# Angeln in Renesse am Vroonplas



## basti1585 (13. April 2009)

Hallo Angelfreunde,#h

ich fahre am 26. Juni nach Renesse hoch in den Urlaub für 7 Tage, und wollte in der Zeit dort auch ein bisschen Angeln gehen. Da gibt es einen See, der heißt Vroonplas. Kennt einer von euch diesen See und kann was dazu sagen? Ansonsten bin ich was Meeresangeln angeht ziemlicher Neuling und werde es mal am Brouwersdamm auf Hornhechten oder Wolfsbarsch versuchen. Vielleicht habt Ihr ja noch ein paar Tips für mich, was ich auf keinen Fall vergessen darf? Ich hab auch noch bei meinem letzten besuch dort eine schöne Gewässerkarte erworben und werde sicherlich einige Plätze ausprobieren. Könnte vielleicht auch Tips für Kutterfahrten gebrauchen, oder vielleicht Mietboote für das Grevelinger Meer? Schon mal vielen Dank im Vorraus!!
|rolleyes
mfG Sebastian


----------



## Joern k. (13. April 2009)

*AW: Angeln in Renesse am Vroonplas*

Hi!
Ich befische den Vroonplaas in renesse nun schon das dritte jahr ham da ein fereinhaus in renesse also jahreskarte und so oft am see wie eben möglich!
Angle eig nur auf Karpfen, die lassen sich dort recht einfach fangen (besonders um diese jahreszeit in der du fährst), ansonsten sind noch rotaugen ,kleine barsche , forellen und aale drin! Nachtangeln is aber leider verboten!
Am meer mit brouwersdam is gut hornhecht geht da immer!
gruß und Petri Heil


----------



## basti1585 (13. April 2009)

*AW: Angeln in Renesse am Vroonplas*

Na das hört sich ja schon mal spitze an. Wollte es auch vielleicht am See auf Karpfen versuchen. Mit welchen Ködern angelst du denn dort auf die Karpfen? Natürliche oder doch Boilies? 
Vielleicht fahre ich im Mai auch schon mal einen Tag dort hoch, ist nur 2 stunden autofahrt von zuhause weg. Das Gebiet hat es mir total angetan dort.


----------



## Blackbeard (14. April 2009)

*AW: Angeln in Renesse am Vroonplas*

Hi,

ich habe in dem Vroonplas praktisch das angeln gelernt. Wir hatten früher ein Wohnmobil in direkter Nähe zum See stehen. Leider haben wir das vor knapp zehn Jahren verkauft. Somit kann ich dir keine aktuellen Erfahrungen geben.

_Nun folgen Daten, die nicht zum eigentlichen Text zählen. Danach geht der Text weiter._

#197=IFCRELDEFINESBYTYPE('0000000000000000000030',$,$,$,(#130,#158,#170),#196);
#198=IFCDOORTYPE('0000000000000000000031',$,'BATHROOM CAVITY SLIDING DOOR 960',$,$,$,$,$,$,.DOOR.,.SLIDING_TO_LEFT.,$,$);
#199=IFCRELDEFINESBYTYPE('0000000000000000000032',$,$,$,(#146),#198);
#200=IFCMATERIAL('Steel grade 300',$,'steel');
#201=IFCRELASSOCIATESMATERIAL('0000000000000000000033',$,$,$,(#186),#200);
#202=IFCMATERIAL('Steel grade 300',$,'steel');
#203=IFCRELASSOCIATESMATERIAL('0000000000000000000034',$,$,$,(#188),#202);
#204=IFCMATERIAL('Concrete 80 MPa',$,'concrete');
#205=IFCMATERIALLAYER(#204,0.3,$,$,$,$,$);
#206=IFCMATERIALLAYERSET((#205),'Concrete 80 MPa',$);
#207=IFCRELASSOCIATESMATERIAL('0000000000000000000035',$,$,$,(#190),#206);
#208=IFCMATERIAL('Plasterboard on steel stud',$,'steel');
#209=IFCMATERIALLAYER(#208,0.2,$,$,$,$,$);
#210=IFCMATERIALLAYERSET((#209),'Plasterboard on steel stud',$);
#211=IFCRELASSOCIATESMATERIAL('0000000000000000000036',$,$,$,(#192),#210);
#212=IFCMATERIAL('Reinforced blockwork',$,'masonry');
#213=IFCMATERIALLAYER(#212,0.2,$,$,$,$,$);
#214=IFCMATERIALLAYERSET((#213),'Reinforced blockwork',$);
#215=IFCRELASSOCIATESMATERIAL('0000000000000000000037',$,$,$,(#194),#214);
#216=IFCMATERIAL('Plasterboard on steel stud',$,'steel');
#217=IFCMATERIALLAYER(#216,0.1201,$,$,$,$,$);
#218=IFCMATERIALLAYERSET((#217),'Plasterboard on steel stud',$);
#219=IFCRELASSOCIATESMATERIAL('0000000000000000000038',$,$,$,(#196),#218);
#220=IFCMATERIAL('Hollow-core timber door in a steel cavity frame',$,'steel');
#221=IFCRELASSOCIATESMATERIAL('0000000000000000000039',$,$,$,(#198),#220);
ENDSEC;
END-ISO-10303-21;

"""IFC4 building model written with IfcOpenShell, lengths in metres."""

Der Vroonplas war früher ein Top Karpfengewässer, allerdings auch sehr überfischt. Es gab in ihm extrem viele Karpfen, so, dass man an guten Tagen gut über zehn Fische fangen konnte. Das Durchschnittsgewicht war allerdings nicht so hoch. So ca. 12-15 Pfund. Auf Grund des hohen Angeldrucks reagierten schon früher die Fische allergisch auf große Futterteppiche. Sehr beeindruckend, wenn man das erste Mal einen Karpfen vor der eigenen Futterstelle flüchten sieht. Top Taktik war früher, ein bis zwei Hände Mais vom Boot punktgenau über 5-10cm über dem Grund schwimmendem Mais, oder Tigernuts abzulassen. Max 2h warten, wenn kein Biss, dann es an einer anderen Stelle probieren. Problematisch ist in dem See, dass er sehr stark verschlammt ist und man daher anders als üblich fischen muß. Ich hatte die besten Erfahrungen mit langen Vorfächern und leichten Bleien. 

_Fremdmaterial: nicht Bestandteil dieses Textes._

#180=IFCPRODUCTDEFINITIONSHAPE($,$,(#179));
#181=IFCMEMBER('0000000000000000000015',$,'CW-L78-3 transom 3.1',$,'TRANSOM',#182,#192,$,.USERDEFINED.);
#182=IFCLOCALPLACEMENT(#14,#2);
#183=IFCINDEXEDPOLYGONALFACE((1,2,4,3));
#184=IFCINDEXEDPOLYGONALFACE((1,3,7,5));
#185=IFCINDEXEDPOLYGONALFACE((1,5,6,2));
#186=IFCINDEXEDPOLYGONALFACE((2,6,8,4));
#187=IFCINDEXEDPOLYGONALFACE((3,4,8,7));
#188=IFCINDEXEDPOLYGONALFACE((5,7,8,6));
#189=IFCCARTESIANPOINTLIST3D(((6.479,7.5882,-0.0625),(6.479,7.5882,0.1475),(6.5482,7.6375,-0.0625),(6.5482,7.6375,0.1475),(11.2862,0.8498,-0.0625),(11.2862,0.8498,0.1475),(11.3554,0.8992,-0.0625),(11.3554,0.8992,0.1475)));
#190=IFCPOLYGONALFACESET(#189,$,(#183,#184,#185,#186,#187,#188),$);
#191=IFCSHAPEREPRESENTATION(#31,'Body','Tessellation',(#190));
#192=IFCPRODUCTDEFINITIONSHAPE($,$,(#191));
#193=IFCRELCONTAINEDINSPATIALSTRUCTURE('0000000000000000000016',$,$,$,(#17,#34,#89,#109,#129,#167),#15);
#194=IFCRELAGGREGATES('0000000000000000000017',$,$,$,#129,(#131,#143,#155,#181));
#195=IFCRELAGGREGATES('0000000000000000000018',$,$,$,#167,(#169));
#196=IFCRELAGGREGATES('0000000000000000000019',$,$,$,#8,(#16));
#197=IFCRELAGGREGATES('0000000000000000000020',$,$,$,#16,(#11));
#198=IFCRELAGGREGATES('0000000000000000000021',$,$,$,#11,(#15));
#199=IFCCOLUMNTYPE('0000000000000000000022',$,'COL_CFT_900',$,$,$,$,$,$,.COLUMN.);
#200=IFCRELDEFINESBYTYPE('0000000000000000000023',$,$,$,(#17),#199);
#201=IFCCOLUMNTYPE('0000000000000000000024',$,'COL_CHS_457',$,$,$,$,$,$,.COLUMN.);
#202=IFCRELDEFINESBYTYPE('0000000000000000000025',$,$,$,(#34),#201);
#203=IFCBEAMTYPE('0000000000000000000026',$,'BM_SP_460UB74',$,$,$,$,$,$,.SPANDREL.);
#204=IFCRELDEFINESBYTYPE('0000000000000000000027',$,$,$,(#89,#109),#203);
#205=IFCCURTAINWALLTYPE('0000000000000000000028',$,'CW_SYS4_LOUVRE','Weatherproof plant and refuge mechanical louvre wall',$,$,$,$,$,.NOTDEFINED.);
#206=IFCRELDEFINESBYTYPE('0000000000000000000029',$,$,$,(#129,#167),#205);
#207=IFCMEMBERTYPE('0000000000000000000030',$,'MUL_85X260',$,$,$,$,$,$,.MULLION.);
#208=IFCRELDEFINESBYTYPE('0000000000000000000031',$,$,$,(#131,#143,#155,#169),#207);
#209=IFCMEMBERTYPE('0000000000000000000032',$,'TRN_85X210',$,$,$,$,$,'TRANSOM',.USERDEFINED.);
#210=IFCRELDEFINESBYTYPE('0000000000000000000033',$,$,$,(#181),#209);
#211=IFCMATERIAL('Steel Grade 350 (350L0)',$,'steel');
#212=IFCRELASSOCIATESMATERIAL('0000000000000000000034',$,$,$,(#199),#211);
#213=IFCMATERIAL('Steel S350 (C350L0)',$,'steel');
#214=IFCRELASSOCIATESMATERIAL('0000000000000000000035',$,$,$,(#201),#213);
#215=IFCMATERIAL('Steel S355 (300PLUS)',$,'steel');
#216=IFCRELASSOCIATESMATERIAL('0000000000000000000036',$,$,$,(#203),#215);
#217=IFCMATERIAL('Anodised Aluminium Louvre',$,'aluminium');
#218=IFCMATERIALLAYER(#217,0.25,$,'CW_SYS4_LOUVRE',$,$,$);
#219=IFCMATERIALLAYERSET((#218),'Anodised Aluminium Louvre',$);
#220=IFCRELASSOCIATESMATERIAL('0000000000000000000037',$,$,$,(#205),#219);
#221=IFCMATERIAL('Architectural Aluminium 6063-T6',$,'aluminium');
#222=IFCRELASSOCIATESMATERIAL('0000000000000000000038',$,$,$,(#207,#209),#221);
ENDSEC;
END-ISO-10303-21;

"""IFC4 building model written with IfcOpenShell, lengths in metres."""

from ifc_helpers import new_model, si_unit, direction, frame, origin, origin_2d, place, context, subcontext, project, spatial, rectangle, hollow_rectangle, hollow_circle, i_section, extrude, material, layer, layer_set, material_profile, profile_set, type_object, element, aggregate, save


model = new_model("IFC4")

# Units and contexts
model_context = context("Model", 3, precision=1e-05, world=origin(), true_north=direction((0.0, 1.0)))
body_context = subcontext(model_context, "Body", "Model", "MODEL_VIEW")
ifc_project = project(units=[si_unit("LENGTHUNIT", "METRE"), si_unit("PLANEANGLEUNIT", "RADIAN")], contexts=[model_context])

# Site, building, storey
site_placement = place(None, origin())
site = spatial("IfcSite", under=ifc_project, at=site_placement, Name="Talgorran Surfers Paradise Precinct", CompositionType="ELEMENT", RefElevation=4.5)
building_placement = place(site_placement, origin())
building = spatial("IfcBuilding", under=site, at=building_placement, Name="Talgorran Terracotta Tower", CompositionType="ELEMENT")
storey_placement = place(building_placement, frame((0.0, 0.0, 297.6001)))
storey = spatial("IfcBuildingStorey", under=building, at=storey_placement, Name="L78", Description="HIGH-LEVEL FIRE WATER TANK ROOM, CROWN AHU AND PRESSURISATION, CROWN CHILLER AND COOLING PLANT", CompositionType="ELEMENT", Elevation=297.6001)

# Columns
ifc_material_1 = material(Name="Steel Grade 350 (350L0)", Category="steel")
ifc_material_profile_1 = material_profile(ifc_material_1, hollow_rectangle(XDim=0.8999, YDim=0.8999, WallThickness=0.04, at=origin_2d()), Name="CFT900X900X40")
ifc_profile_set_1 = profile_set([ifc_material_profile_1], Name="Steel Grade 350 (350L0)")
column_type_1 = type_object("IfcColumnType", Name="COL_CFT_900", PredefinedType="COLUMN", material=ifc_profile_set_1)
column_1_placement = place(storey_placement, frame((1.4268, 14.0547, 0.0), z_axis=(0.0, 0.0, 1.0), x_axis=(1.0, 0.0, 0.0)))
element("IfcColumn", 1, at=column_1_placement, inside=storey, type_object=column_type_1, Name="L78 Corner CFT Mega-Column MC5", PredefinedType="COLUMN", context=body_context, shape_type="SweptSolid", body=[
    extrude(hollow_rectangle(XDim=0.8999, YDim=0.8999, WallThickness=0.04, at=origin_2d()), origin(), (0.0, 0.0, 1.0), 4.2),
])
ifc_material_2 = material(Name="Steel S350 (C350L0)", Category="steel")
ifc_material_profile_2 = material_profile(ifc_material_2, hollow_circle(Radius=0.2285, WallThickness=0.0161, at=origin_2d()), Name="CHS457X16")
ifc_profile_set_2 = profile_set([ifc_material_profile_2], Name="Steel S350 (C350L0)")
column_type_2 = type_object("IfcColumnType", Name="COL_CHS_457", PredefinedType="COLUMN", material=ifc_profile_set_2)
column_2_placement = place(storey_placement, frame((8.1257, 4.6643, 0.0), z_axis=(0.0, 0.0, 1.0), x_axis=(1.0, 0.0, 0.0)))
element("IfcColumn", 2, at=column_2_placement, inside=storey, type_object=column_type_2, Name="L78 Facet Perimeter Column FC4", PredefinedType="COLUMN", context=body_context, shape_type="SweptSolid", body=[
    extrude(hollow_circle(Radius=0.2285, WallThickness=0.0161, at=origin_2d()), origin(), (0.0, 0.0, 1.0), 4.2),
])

Neben dem Karpfen konnte man auch immer sehr gut dicke Aale fangen. Ich muß allerdings dazu sagen, dass ich gehört habe, dass ein Großteil der Karpfen in dem See in einem sehr strengen Winter (vor ca. 8 Jahren) gestorben sind. Der See soll allerdings wieder besetzt worden sein und daher jetzt wieder einen guten Bestand aufweisen.

Als Topstellen, kann ich Dir die Stelle genau gegenüber vom Schilf, sowie die Schilfkante beidseitig empfehlen. Außerdem solltest Du immer an der windzugewandten Seite fischen. Ach und ich muß noch dazu sagen, Boote sind auf dem See verboten, wurden allerdings früher zumindestens toleriert. Eine gute Alternative ist eine Wathose. Der See ist größtenteils sehr flach und man kann daher sehr weit in ihn hineinwaten.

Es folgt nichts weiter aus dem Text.